For heat-resistant cables, the insulation thickness tolerance is -20%, with the thinnest point not less than 90% of the nominal thickness minus 0.1 mm. The outer diameter of the insulated core may have localized increases, but it must not exceed the maximum allowable diameter.
2.1.3 Sheath
The sheath must be tightly wrapped around the insulation layer without adhesion, with a smooth surface and uniform color. The thickness tolerance is -20% of the nominal value, with the thinnest part not less than 80% of the nominal thickness. For glass wool sheaths, the weaving density must be at least 90%.
2.1.4 Shielding Layer
The shielding layer must have a weaving density of at least 80%. Broken ends should be trimmed after connection. Composite aluminum (copper) tape must be closely attached to the insulation layer and not easily loose. The thickness of the shielding layer must not exceed 0.8 mm.
2.2 Insulation Resistance
At ambient temperatures of 15–35°C and relative humidity no more than 80%, the insulation resistance between cores and between the core and shield must be at least 5 MΩ per 10 meters.

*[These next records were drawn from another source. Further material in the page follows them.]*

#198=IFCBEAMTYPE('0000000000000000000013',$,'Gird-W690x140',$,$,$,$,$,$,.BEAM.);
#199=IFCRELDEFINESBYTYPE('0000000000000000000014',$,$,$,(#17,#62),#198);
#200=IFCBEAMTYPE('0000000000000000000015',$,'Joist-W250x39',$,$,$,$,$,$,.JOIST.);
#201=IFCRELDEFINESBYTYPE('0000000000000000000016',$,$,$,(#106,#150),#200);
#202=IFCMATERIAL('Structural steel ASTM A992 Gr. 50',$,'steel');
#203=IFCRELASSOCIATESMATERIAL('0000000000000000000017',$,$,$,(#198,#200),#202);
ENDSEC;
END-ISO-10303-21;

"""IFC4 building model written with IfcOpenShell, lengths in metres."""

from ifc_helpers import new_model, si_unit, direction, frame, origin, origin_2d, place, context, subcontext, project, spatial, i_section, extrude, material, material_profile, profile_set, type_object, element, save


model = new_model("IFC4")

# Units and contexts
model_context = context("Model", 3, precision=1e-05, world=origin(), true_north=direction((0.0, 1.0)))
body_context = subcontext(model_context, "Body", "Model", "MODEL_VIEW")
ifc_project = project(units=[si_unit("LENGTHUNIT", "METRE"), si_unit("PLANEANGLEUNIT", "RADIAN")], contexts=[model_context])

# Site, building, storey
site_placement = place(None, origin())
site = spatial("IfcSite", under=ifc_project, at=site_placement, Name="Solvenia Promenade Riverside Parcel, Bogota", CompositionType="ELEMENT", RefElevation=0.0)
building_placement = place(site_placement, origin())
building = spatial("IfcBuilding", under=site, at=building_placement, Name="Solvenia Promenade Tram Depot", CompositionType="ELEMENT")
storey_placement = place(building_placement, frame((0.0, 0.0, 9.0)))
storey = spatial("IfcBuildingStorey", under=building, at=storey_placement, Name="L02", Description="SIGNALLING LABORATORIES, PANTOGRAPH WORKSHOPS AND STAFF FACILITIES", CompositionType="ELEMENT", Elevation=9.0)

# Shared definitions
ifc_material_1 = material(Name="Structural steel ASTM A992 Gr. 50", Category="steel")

2.3 Physical and Mechanical Properties
The physical and aging properties of the insulation and sheath generally follow the standards outlined in Table 5.
2.4 Heat Resistance
Heat-resistant compensation cables must undergo a 24-hour heat resistance test at 220±5°C. After bending the specimen 180° around a cylinder with a diameter five times that of the cable, there should be no surface cracks, and the insulation resistance between the core and shield must be at least 25 MΩ per meter.
2.5 Moisture Resistance
Heat-resistant cables must withstand 40±2°C and 95±3% relative humidity for 24 hours. After this test, the insulation resistance between the core and shield must remain above 25 MΩ.
2.6 Low Temperature Winding Performance
Standard compensation cables should be tested at -20°C. When wound around a test bar, the insulation layer must show no visible cracks, ensuring reliability in cold environments.